时间:2021/12/8 作者: 于艾平 热度: 119979
  再版后记

  有朋友讥笑我是“中国文坛奇葩”,懵懵懂懂成为了中国作家唯一的网络红人。放着编剧的能力不“闷头发大财”,成天成宿写“文革”长篇小说整事,呼吁国人不要忘记“文革”,正本清源,反思“文革”的深刻历史教训。有病啊,姥姥不喜,舅舅不爱!

  不管是中国网络红人,还是奇葩,我还是要说,“文革”,既是亲历者个人之难,更是国家民族之难。一个民族如何对待自己的历史,一定是这个民族成不成熟的标志。西蒙?威森塔尔在《宽恕》一书中告诉我们:“只有在完整的意义上理解和讲清楚这些罪恶过去何以存在,才能使之不再存在。”令人遗憾的是,这一给整个国家带来巨大灾难的空前浩劫,几乎淹没于时代长河之中,已经成为一个被全然忘却的历史符号。巴金老前辈生前多年呼吁建立的文革博物馆,至今还被官方束之高阁。

  关于对“文革”的反思:政府刻意“淡化”,政协人大委员代表集体哑语,杂志出版社广播电视电影坚决封杀,新闻界一片沉默,历史和亲历者苦笑,现实比小说更荒诞……我们正在忘掉“文革”带来的空前性灾难,不敢触及真实是一个时代的特征,由此而导致了民族反思的重大空白,历史的盲点。在这种情况下,“文革”以另一种形式卷土重来,并非不可能。那必是一场万劫不复的悲剧,是对人的侮辱,尊严的侵害,生命的践踏;是人性的大倒退,文化的大倒退,道德伦理的大倒退。且不说“文革”是极其复杂的历史过程,它是多侧面的历史组合,是多层次斗争的叠加。

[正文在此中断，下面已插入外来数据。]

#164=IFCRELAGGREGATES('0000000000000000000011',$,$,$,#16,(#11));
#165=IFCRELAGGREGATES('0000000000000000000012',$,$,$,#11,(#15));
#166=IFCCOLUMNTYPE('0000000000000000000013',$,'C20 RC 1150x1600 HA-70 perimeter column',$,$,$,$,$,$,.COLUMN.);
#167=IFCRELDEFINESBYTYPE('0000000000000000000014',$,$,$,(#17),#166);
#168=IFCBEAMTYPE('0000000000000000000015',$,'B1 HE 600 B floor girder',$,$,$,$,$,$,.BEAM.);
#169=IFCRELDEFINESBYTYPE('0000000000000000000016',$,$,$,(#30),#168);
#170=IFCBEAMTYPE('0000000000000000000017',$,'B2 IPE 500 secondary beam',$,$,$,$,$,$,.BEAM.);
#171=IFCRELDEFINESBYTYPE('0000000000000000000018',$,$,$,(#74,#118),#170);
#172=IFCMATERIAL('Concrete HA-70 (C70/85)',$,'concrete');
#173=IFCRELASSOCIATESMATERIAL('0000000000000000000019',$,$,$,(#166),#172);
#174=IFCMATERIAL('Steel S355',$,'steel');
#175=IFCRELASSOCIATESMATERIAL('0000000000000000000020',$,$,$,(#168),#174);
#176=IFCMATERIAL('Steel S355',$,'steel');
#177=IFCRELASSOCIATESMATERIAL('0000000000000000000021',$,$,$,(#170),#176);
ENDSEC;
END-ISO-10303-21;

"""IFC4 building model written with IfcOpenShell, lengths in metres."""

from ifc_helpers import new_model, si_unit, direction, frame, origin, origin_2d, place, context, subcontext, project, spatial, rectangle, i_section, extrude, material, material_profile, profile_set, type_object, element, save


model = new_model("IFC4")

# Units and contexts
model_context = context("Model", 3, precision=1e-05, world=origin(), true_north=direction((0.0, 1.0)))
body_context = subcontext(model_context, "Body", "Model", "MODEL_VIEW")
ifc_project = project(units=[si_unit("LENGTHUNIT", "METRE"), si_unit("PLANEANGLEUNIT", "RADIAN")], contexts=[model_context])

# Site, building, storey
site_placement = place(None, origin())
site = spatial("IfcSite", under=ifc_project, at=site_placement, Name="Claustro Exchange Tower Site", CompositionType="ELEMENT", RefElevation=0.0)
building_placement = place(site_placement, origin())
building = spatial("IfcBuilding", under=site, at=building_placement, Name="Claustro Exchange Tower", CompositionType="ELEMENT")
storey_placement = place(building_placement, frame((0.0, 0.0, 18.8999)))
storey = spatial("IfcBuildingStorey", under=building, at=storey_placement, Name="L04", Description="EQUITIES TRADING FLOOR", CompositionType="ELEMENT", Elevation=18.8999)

残酷打击、无情斗争的“文革理论”,就是一种摧毁人性的理论,那些设法活下来的人,到死也忘不掉他们所承受的痛苦与悲伤。因为它最大的害处是摧毁了中华民族的价值观,所有的道德准则、社会准则都不复存在,奴性和虚伪成为常态,无论是发声者,沉默者,施加者,承受者,恐怕这才是对“文革”最深刻的反思。如果我们继续选择集体性遗忘,后果是毁灭性的,将使我们这个民族成为没有方向与未来的民族!

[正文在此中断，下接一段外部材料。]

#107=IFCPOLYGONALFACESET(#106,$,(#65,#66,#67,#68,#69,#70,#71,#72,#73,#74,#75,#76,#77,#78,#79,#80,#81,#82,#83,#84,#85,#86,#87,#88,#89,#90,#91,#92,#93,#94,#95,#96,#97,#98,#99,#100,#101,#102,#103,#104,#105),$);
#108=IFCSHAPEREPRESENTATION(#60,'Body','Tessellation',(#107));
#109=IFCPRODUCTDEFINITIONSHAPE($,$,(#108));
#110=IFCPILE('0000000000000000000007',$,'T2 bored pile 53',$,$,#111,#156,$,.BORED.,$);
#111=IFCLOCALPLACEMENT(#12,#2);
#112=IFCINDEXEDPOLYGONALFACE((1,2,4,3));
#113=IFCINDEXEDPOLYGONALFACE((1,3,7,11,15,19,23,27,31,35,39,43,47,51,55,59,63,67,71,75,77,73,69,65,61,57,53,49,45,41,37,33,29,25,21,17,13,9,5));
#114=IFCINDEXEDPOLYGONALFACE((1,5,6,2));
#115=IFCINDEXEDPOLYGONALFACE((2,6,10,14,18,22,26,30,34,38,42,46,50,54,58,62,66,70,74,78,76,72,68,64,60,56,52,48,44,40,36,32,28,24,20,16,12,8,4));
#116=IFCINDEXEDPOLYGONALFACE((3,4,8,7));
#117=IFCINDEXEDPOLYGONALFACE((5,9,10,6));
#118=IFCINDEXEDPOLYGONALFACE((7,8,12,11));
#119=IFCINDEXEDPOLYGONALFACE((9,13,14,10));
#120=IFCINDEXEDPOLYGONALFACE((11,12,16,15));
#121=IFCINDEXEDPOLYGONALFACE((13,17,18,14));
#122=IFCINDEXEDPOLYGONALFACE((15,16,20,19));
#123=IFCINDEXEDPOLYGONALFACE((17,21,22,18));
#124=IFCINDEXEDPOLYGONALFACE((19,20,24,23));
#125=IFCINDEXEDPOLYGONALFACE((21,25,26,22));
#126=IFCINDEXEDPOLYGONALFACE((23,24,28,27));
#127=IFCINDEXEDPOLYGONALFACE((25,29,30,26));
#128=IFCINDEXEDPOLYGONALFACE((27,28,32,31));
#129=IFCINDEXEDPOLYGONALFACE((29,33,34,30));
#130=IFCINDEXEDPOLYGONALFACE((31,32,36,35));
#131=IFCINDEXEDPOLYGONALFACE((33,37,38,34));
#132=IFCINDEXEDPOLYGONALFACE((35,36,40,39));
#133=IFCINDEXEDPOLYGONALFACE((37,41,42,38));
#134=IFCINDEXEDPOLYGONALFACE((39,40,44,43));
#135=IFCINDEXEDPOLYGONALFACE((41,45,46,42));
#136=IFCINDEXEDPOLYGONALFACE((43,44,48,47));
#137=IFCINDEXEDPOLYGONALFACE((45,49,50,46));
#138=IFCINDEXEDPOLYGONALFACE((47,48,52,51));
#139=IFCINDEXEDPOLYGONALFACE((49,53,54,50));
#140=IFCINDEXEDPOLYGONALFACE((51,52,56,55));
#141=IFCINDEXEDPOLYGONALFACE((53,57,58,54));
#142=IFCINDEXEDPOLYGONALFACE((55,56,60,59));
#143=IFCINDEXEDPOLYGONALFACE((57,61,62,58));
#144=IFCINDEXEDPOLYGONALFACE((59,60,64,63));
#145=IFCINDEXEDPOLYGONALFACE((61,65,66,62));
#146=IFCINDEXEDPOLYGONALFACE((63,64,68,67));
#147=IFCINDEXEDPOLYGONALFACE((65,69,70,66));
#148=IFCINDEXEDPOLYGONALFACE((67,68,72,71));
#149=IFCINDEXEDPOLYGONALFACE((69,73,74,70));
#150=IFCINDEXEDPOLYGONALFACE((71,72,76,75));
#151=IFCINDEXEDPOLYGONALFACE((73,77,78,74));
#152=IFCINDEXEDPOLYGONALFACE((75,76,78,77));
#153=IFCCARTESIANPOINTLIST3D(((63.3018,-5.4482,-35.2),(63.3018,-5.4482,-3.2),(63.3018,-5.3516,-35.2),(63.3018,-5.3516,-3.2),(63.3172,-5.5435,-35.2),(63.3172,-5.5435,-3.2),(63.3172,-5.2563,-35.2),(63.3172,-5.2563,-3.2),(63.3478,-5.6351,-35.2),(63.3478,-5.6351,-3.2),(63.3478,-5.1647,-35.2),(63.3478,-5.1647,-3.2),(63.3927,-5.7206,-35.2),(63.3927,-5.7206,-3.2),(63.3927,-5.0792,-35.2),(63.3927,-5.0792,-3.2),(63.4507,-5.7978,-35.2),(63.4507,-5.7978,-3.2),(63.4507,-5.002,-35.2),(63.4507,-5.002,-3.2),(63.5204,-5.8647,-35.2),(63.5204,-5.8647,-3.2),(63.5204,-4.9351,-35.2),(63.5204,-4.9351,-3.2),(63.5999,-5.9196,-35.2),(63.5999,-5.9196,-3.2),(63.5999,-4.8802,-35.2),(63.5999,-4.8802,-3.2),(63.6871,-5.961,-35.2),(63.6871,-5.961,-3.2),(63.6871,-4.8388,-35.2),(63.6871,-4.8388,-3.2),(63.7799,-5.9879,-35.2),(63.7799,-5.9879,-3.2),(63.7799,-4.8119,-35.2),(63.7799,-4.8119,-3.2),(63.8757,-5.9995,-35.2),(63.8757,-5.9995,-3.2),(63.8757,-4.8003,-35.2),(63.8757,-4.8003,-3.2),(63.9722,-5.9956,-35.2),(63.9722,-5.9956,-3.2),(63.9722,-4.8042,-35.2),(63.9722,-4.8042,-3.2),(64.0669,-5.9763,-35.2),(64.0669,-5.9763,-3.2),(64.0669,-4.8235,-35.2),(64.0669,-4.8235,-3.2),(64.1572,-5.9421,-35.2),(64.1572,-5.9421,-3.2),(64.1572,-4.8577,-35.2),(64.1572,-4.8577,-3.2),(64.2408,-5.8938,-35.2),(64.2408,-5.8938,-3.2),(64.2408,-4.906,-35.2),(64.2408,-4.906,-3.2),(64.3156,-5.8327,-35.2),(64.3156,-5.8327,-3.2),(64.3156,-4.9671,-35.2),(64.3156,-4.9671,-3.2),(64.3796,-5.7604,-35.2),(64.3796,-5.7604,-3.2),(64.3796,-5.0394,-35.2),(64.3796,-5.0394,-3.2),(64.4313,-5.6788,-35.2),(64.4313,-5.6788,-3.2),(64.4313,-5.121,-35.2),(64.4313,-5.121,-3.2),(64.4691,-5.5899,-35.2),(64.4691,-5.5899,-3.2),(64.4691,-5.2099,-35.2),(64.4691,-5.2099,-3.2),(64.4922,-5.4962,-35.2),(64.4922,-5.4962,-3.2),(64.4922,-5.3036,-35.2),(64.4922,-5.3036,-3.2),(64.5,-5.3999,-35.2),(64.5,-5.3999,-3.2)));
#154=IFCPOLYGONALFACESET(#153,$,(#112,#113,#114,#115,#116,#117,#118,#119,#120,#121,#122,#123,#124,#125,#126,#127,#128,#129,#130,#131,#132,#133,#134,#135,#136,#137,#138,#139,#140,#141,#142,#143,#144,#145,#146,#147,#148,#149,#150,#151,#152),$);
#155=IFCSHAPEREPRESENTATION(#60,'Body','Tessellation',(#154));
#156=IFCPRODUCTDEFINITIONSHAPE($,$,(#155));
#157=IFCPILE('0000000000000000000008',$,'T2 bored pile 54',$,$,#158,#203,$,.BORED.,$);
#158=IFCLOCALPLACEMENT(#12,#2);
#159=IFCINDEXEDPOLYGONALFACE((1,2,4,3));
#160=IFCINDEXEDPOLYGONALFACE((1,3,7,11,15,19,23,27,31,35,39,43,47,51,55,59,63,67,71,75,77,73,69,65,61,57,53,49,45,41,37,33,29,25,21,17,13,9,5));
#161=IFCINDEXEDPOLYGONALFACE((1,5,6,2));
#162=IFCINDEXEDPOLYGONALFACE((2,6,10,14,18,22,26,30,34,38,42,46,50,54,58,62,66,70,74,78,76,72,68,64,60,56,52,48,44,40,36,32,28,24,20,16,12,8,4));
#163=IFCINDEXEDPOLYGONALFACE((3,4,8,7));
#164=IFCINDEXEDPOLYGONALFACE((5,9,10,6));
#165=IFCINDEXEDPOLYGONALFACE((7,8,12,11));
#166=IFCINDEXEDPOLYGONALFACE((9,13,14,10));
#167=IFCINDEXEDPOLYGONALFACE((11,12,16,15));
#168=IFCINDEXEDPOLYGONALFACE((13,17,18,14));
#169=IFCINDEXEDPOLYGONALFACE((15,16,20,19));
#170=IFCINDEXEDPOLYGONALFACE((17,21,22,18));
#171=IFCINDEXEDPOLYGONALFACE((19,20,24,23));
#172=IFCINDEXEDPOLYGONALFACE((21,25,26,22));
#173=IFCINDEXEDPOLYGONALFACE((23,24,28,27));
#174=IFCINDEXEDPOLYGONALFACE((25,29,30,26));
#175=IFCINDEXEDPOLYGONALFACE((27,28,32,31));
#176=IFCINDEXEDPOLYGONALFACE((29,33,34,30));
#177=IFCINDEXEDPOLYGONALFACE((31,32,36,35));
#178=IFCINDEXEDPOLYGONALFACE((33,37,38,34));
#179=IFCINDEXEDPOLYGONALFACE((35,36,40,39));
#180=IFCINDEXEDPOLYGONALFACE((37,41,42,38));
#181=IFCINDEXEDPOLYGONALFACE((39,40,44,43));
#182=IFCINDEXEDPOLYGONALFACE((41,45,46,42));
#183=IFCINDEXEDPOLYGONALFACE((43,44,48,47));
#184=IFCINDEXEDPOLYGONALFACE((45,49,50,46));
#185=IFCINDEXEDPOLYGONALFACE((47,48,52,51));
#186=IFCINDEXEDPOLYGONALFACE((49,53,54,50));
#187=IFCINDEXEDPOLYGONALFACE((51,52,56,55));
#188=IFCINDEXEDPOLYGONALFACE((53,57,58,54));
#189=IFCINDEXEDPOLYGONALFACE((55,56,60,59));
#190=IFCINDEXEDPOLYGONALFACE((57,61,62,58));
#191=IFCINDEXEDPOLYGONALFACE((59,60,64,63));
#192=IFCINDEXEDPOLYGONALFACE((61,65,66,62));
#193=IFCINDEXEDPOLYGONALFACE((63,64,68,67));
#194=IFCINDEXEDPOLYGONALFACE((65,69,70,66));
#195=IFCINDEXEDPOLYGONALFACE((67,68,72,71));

  我极其希望,有大批关于“文革”的小说和其它文艺作品出版,不忘“文革”,反思“文革”,从我们每一个人的骨子里彻底清除“文革”式思维。

  有多少种回忆,就有多少种“文革”。民族的记忆是由无数个人的记忆汇成的。虽然个人的记忆可能有偏差,没有绝对的真相,只有相对的真相,但不同人的记忆碎片可以帮助我们连缀成一个最接近事实的整体,即“历史总会在不经意间还原本真”。有人质疑我写的这部作品内容失真,事实与主流叙述相去甚远,是伪造的历史。这样的反思有避轻就重之嫌,若将一些个别事例放大,无疑将造成社会的负面影响,因为“任哪所中学都不可能在1967年夏天长期批斗关押一个只是据说有反动言论的小孩儿?”反思不等于自虐,应该追寻整个民族人格形成的背后原因,并提升包括作者的道德、文化、思想水准。尤其是那些没经历过“文革”的年轻人,认为把一个十四岁小孩,塑造得有那么高的“政治觉悟”,比小萝卜头坚强成熟十八倍,经不住推敲,违背现实。如“偏偏我是个死硬派,一次次受刑,一次次死去活来,也拒不揭发我的父母”。一家人像李玉和斗鸠山似的大义凛然,气壮山河……我们曾经受过欺骗,但再也不能欺骗后人了。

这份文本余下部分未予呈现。